Solution Explanation: Remove Zero Sum Consecutive Nodes from Linked List

This problem involves removing consecutive sequences of nodes in a linked list that sum to zero. The optimal approach uses a hash table (or dictionary) to efficiently track prefix sums and identify zero-sum subsequences.

Approach:

1. Prefix Sum: We iterate through the linked list, calculating the prefix sum at each node. The prefix sum at a node is the sum of all node values from the head of the list up to that node.

2. Hash Table (Dictionary): We use a hash table to store the prefix sum and the corresponding node. The key is the prefix sum, and the value is a pointer to the node where that prefix sum occurs. If a prefix sum is encountered multiple times, we only keep the latest occurrence (overwriting the earlier one).
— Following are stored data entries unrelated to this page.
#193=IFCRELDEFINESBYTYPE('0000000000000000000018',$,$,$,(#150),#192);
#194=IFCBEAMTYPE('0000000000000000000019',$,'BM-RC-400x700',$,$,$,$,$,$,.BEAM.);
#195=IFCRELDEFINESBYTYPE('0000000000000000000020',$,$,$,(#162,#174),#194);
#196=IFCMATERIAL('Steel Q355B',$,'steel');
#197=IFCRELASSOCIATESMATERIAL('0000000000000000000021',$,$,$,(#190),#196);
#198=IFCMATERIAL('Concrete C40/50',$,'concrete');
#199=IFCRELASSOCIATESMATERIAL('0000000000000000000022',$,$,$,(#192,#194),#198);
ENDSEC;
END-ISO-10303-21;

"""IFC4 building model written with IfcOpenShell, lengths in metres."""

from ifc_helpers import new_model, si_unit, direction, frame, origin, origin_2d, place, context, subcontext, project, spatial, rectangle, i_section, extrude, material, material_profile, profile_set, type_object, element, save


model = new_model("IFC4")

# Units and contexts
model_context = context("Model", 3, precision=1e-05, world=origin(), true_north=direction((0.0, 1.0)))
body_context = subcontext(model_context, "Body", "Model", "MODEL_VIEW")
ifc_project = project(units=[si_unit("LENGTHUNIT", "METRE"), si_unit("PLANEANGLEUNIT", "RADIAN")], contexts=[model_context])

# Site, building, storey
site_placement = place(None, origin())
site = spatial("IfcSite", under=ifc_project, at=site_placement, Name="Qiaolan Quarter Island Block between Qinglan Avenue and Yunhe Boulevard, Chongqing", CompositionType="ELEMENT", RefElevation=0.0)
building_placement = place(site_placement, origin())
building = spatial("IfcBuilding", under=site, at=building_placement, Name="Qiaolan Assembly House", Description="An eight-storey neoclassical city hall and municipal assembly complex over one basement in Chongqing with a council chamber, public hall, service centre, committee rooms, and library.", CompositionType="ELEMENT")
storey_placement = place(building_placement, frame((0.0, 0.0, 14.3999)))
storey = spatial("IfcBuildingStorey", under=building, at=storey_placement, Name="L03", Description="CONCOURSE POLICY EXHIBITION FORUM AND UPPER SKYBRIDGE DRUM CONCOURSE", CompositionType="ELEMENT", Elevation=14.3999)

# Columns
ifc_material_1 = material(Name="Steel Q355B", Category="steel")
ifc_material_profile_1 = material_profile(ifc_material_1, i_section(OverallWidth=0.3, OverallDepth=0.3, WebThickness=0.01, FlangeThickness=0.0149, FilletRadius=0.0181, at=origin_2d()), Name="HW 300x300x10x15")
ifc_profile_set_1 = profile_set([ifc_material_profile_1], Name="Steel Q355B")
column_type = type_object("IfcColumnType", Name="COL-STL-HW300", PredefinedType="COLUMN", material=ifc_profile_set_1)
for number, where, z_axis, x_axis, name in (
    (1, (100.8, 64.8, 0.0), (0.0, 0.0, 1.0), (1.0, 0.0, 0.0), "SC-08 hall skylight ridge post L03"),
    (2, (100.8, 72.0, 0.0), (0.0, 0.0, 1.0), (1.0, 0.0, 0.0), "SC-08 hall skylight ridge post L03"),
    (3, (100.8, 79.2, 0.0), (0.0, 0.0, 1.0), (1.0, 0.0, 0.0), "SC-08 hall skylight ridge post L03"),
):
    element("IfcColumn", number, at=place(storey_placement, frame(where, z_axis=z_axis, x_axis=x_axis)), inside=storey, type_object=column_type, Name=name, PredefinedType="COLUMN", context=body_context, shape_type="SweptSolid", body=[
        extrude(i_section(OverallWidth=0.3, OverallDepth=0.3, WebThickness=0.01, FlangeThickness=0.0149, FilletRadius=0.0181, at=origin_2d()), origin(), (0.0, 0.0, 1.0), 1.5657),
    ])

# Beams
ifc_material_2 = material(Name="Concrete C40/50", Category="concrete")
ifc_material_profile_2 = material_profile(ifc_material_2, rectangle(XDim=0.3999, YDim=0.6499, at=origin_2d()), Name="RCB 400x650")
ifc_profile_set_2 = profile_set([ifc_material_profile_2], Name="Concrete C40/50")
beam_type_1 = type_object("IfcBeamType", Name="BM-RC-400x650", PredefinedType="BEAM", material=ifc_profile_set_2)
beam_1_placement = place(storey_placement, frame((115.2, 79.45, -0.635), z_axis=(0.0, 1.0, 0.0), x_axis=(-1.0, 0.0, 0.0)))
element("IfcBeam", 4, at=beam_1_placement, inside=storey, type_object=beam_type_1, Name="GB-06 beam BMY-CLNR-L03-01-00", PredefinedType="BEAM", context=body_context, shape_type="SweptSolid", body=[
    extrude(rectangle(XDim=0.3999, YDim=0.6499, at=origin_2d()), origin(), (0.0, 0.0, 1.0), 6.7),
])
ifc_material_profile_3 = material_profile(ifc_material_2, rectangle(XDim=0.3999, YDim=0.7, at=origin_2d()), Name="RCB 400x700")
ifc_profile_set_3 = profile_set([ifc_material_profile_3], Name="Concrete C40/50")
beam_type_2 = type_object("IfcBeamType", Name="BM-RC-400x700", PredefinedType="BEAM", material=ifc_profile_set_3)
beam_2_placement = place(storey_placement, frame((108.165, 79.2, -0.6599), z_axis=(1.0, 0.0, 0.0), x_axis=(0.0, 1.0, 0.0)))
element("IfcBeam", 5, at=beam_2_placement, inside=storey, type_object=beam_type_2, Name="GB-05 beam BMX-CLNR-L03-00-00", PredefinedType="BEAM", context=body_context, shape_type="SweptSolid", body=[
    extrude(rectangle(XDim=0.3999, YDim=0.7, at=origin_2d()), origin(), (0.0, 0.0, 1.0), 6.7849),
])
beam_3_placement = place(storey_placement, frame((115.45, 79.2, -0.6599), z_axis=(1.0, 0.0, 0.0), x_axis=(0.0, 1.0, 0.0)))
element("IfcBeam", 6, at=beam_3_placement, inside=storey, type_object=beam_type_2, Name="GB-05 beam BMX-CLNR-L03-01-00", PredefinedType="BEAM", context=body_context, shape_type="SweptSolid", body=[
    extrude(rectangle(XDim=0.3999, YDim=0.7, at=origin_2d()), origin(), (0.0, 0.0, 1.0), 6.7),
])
This is because we're only interested in the last node that results in a particular prefix sum.

3. Zero-Sum Detection: If we encounter a prefix sum s that already exists in the hash table, it means the sum of the nodes between the node associated with the previous s and the current node is zero (because the prefix sums are equal).

4. Node Removal: To remove the zero-sum subsequence, we directly modify the next pointer of the node associated with the previous s to point to the current node's next node, effectively skipping the zero-sum subsequence.
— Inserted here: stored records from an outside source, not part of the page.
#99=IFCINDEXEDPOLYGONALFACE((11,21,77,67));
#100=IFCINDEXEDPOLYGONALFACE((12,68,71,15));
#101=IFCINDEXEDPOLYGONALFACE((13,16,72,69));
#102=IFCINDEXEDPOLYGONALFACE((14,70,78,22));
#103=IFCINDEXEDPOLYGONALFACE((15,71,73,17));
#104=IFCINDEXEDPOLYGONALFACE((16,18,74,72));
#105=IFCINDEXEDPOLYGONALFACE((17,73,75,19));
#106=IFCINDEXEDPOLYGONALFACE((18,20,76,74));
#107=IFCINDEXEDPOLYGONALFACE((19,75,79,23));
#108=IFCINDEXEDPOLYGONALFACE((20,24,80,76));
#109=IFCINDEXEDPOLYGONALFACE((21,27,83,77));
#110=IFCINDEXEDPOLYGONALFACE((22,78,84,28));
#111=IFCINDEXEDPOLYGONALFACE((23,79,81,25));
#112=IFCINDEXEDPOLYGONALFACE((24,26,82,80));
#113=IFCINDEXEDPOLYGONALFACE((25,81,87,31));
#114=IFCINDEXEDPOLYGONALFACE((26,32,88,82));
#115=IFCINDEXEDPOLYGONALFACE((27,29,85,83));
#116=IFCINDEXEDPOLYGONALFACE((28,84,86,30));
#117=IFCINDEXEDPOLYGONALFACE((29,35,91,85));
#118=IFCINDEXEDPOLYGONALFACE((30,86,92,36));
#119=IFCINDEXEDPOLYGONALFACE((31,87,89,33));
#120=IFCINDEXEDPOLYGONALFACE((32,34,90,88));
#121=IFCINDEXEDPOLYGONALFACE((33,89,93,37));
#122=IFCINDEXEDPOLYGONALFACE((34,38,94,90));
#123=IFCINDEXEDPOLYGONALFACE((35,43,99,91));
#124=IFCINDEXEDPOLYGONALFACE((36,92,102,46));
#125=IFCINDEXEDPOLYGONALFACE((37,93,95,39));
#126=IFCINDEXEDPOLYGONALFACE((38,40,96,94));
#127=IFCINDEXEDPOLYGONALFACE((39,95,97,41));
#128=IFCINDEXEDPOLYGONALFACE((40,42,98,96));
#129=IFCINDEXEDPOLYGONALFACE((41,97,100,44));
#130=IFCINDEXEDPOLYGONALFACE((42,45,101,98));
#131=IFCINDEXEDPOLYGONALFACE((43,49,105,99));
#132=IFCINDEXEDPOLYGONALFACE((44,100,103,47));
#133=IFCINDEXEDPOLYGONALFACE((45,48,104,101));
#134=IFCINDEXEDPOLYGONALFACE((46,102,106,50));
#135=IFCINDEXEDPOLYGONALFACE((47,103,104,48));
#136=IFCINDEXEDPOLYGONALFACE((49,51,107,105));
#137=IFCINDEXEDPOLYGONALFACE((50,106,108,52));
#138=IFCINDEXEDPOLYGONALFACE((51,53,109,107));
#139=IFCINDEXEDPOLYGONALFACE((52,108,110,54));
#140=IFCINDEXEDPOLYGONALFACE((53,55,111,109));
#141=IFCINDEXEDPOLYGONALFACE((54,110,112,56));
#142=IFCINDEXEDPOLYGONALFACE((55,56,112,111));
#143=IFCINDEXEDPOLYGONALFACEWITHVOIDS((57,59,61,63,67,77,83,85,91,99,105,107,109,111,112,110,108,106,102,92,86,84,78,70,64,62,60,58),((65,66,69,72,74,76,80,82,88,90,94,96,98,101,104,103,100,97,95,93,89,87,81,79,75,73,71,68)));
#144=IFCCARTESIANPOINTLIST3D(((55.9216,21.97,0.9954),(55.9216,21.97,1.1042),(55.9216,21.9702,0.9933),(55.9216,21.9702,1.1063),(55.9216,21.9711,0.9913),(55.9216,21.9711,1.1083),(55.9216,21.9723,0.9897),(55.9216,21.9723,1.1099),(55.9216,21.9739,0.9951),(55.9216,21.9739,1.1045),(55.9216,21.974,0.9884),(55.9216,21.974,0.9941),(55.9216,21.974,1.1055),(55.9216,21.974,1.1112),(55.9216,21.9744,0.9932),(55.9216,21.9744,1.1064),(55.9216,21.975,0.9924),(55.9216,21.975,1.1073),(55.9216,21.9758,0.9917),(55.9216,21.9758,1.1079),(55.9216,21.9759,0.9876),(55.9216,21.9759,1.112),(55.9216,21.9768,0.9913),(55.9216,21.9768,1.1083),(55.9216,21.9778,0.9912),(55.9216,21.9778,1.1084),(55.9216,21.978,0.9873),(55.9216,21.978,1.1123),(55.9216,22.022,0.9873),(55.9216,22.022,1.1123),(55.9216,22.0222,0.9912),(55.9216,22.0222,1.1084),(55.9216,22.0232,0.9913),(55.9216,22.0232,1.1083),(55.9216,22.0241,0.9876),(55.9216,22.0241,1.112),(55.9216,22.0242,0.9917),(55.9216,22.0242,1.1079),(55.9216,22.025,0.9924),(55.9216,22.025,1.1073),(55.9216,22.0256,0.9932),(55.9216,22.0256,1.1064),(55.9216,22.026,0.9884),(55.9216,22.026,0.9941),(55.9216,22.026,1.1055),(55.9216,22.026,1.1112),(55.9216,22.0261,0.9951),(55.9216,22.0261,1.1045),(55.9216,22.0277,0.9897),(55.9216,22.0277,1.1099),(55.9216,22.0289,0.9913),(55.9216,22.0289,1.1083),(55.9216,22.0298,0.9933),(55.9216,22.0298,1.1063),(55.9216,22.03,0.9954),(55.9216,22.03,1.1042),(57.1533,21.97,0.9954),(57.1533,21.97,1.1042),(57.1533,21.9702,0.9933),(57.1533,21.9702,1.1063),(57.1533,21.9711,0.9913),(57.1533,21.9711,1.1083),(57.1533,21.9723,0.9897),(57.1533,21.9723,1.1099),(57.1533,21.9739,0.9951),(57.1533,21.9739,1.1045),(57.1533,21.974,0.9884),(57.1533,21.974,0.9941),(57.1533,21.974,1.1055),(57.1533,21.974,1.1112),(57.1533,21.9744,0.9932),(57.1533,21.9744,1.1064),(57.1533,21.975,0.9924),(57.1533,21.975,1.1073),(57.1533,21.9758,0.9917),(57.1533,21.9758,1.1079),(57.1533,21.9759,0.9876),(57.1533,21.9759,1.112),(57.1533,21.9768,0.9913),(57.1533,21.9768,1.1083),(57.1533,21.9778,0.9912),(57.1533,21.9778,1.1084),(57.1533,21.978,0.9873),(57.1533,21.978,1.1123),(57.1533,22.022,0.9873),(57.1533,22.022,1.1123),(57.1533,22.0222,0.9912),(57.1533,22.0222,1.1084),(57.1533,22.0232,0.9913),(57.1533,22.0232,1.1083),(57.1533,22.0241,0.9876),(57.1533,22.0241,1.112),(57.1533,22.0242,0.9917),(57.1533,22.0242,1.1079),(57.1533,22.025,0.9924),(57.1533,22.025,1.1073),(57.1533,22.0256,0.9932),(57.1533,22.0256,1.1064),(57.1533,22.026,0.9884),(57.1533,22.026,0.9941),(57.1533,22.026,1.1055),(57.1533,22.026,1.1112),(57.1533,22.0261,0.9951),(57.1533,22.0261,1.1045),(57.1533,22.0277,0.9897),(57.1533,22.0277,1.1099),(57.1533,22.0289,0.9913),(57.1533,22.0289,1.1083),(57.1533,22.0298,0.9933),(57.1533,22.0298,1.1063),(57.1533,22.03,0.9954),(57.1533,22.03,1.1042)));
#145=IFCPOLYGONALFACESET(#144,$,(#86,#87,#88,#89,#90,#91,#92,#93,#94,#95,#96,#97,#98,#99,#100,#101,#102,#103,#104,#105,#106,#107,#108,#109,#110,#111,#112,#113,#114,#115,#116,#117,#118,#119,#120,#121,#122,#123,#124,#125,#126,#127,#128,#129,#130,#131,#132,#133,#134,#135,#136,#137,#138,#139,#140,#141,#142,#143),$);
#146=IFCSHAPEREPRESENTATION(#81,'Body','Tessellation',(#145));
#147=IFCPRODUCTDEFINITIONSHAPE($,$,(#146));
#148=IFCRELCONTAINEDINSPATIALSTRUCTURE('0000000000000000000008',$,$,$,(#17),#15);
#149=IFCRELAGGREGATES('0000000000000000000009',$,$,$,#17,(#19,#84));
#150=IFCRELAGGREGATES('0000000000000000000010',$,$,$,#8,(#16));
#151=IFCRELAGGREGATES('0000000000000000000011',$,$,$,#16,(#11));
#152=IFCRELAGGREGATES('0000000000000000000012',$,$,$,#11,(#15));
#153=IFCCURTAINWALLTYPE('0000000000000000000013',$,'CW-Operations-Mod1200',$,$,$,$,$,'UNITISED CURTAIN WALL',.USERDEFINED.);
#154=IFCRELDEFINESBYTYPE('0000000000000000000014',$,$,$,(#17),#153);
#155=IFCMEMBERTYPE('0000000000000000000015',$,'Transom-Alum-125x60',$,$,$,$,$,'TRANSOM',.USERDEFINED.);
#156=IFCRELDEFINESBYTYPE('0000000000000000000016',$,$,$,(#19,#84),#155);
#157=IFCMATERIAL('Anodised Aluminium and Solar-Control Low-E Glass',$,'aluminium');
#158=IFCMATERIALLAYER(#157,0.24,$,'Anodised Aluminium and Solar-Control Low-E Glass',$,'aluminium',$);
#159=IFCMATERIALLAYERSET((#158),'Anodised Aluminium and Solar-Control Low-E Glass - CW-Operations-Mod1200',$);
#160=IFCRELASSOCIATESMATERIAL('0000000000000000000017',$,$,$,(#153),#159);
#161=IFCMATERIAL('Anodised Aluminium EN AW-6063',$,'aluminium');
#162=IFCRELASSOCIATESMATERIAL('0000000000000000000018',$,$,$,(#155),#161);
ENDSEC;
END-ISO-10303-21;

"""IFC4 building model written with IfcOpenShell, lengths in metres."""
Code Explanation (Python):

# Definition for singly-linked list.
# class ListNode:
#     def __init__(self, val=0, next=None):
#         self.val = val
#         self.next = next
class Solution:
    def removeZeroSumSublists(self, head: Optional[ListNode]) -> Optional[ListNode]:
        dummy = ListNode(next=head)  # Dummy node simplifies handling the head
        prefix_sums = {0: dummy} # Initialize with prefix sum 0 at dummy node
        current_sum = 0
        curr = dummy
 
        while curr:
            current_sum += curr.val
            if current_sum in prefix_sums:
                #Zero sum subsequence found
                prev_node = prefix_sums[current_sum]
                prev_node.next = curr.next #Skip the subsequence
                prefix_sums = {0:dummy} #Reset the prefix sum dictionary
                current_sum=0
                curr = dummy
            else:
                prefix_sums[current_sum] = curr
                curr = curr.next
        return dummy.next
 

Time Complexity: O(N), where N is the number of nodes in the linked list. We iterate through the list twice in the worst case.

Space Complexity: O(N) in the worst case to store the prefix sums in the hash table. In the best case (no zero-sum subsequences), it's O(N).

Other Languages:

The solutions provided in Java, C++, Go, Typescript and Rust follow the same logic, only adapting the syntax and data structures specific to each language. The core idea of using prefix sums and a hash table remains consistent. The primary difference is how hash maps are implemented in each language (e.g., HashMap in Java, unordered_map in C++, map in Go).

Example Walkthrough:

Let's trace the Python code with head = [1, 2, -3, 3, 1]:

1. prefix_sums = {0: dummy} (dummy node)
2. Iterate:
   • 1: current_sum = 1, prefix_sums = {0: dummy, 1: node1}
   • 3: current_sum = 3, prefix_sums = {0: dummy, 1: node1, 3: node2}
   • 0: current_sum = 0, 0 is in prefix_sums, so we remove [1, 2, -3]. prefix_sums is reset, and the iteration restarts.
   • 3: current_sum = 3, prefix_sums = {0: dummy, 3: node3}
   • 4: current_sum = 4, prefix_sums = {0: dummy, 3: node3, 4: node4}
3. The final list becomes [3, 1].

This approach efficiently solves the problem by avoiding repeated scans of the list and directly modifying pointers to remove zero-sum subsequences.